Wine:  2003 Hobbs Gregor Shiraz Barossa ($125 - Hart Davis Hart)

Done in the Amarone style where the grapes are partially dried to intensify flavors.

Opened 45 minutes before the meal and tasted nearly perfect.  No decant.

It's been one of the top ten-ish best wines we've ever had in the past and this drinking was no different but it's certainly hit a different, glorious stage since last year.

Tons of really fancy, oil-cured, booze-soaked kalamata olives crusted in some intensely dark, weird Moroccan spice right out of the bottle with supporting blackberry and great tar, a graceful heat and still big acid.

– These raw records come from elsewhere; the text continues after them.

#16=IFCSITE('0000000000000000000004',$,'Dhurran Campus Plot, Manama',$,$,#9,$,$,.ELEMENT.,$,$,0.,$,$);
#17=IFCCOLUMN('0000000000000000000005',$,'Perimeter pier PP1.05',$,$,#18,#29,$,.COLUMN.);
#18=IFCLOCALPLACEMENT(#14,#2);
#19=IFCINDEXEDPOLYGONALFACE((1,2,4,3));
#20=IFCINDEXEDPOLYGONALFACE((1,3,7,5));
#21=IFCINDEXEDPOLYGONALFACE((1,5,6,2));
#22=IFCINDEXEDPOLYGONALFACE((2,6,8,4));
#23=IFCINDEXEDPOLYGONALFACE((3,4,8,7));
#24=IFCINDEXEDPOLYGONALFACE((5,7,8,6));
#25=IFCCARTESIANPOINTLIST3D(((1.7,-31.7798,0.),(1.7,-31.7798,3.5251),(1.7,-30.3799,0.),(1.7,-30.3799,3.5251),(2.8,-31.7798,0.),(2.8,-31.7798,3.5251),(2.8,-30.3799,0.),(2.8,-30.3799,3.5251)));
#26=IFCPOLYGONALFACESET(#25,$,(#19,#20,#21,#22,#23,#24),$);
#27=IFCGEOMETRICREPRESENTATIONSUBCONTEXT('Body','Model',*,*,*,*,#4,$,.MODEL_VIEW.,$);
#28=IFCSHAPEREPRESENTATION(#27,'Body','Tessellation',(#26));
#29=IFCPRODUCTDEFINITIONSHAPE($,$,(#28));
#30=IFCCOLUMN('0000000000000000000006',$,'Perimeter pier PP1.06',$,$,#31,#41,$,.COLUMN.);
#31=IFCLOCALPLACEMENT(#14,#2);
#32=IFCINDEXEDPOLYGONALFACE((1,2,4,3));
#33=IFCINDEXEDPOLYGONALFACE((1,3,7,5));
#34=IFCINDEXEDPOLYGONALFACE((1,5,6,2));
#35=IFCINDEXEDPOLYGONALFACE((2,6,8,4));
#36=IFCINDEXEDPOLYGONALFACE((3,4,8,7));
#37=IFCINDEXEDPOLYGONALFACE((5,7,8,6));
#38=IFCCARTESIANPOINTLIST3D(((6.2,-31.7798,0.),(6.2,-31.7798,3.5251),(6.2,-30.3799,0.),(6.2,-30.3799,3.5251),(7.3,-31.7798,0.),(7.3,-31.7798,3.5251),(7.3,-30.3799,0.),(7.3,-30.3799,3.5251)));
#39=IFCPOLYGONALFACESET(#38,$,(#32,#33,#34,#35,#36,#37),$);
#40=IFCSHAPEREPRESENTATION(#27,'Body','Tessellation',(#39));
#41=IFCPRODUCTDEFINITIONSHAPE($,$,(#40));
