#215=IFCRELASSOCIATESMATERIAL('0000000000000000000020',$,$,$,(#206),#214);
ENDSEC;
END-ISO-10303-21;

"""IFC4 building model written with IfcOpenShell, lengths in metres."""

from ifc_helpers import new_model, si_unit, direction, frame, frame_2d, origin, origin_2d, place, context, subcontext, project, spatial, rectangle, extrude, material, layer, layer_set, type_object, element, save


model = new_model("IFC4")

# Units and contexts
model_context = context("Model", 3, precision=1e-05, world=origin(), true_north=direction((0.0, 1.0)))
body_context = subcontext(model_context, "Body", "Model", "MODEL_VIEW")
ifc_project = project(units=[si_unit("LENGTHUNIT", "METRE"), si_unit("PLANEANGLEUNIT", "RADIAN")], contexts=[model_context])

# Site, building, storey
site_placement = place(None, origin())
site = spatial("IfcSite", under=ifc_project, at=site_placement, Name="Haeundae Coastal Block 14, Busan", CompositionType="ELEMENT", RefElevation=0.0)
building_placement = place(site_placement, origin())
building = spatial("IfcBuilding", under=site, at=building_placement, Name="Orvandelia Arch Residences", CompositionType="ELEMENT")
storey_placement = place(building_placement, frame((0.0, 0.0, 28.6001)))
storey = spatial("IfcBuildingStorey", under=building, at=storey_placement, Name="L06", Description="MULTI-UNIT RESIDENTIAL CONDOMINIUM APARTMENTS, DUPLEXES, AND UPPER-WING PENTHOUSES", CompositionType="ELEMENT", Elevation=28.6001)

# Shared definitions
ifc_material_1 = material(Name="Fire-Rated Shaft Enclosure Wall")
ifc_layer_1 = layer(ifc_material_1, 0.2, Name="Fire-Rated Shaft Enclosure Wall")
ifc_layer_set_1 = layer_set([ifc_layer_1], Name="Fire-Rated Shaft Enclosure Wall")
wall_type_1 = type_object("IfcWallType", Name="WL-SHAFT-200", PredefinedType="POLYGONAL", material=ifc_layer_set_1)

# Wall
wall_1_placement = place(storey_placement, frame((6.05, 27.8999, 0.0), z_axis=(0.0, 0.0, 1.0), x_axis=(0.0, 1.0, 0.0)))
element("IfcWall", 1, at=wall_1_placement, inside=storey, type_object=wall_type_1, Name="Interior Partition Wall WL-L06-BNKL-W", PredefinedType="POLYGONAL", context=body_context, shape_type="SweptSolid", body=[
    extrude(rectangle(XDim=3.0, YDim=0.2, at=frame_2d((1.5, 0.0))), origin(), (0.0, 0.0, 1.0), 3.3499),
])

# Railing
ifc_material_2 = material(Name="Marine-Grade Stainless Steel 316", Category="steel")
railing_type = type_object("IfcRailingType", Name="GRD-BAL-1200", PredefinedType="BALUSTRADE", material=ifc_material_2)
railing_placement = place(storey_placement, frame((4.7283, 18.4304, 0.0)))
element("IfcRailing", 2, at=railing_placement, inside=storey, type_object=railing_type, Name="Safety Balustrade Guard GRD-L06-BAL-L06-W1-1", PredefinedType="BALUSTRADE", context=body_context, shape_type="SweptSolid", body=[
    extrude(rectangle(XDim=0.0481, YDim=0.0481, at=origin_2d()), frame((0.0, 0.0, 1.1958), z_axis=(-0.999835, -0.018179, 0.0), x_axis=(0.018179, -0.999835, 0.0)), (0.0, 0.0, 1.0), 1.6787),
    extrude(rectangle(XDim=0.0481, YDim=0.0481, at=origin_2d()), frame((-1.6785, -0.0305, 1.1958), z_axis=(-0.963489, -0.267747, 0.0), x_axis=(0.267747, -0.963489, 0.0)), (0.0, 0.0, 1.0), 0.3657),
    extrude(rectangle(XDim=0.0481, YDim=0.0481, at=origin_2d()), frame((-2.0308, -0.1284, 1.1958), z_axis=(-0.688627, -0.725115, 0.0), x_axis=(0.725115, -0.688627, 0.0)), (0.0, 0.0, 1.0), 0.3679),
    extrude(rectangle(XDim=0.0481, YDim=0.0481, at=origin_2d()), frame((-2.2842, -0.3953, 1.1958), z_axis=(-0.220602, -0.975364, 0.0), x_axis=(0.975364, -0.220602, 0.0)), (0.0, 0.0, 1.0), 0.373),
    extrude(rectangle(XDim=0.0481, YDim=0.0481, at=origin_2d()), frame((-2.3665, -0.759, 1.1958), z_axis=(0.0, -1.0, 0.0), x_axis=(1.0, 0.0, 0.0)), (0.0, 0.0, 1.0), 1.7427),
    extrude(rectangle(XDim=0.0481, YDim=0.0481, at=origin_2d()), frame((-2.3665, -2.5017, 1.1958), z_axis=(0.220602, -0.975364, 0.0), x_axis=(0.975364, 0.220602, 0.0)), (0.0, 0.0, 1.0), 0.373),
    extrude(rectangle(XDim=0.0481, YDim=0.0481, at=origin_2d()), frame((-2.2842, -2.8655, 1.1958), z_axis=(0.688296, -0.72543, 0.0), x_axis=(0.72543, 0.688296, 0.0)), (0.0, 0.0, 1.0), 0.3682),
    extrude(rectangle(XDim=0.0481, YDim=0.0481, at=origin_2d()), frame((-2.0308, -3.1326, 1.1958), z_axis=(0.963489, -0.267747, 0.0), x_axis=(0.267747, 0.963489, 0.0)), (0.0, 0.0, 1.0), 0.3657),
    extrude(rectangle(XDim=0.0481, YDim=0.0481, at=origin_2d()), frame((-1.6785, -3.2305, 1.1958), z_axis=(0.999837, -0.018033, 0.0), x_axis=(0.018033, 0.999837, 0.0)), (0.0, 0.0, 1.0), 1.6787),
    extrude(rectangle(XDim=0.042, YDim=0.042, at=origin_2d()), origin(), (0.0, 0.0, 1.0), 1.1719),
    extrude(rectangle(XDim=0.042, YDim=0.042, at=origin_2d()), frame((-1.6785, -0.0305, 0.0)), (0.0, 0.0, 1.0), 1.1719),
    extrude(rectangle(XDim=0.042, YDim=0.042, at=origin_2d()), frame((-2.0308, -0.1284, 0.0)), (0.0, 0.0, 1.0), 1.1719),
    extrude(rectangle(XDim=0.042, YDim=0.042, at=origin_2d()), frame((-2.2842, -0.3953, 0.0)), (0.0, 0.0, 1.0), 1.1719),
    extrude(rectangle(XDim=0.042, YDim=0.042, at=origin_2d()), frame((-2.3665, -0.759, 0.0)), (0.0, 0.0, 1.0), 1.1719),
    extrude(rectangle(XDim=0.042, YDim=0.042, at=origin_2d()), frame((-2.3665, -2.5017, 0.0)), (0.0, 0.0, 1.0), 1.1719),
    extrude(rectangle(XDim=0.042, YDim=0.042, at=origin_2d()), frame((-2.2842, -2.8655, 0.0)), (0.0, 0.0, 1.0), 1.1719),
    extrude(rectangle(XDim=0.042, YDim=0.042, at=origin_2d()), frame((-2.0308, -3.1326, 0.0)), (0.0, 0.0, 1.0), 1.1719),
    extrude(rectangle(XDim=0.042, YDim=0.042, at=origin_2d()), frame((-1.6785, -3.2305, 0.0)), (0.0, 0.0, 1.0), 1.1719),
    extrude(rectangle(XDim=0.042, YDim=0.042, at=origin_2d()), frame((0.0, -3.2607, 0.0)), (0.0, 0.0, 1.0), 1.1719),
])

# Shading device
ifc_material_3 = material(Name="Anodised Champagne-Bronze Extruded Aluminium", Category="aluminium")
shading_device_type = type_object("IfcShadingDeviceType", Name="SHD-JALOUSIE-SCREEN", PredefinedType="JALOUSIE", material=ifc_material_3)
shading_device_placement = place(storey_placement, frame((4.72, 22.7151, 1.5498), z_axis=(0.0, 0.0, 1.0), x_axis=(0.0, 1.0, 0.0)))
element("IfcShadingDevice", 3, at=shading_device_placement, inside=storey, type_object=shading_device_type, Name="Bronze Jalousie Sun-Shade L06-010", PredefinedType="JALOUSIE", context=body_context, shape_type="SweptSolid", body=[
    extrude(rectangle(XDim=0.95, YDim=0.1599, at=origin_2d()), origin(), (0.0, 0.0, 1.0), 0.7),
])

Once the meal started the olives took a back seat to the emerging blackberry and deep dark cherry fruit, lifting and generous acid, a charred bacon quality and beautiful, silky transitions followed by a long finish.  Kept changing over the course of the meal with the fruit continuing to become brighter, more lifting and sparkly.  Shimmering by the second hour.  Herby notes were gone, replaced by the Moroccan spice edge that turned it into a deeply savory wine that every once and a while brought a hint of a slightly sweet blueberry powder deep in the background.  Tannins are still doing its proper job, turning every flavor and component front and center like a drill sergeant without being loud and obvious.

Tasted like what we expect a top-notch Amarone delivers at its perfect point of drinking and tasted like what the winemaker wanted from this wine when he made it.  At a perfect point right now and will just keep going.  You can't get this type of quality for less money.  It's a wine that plays in a different stratosphere.

Flawless in our book.  Utterly flawless.

Pairing:  96  So gosh darn sexy!

Much like the Oregonzola, Rogue Blue is the goods.  Tastes like New World cheese with a soul and seems like it was crafted with the Hobbs Gregor in mind.  Perfect.  Pairing.

But we kept going back and forth about the best part of the pairing.  The pine nuts with the fruit and liqueur-like intensity in the wine were superb.  The beans allowed the wine to go more subtle and explore the secondary, less obvious flavors in great ways.  An onion-balsamic-pancetta blend actually turned the wine into something more medium-bodied in weirdly delicious ways.

It was a fancy-pants wine so open, supple and generous that allowed itself to be steered by the food while never letting go of its stunningly vibrant and commanding personality.

It was a meal that brought a lot of pauses and a lot of looks at each other, saying, "Can you believe that this is in front of us right now?!"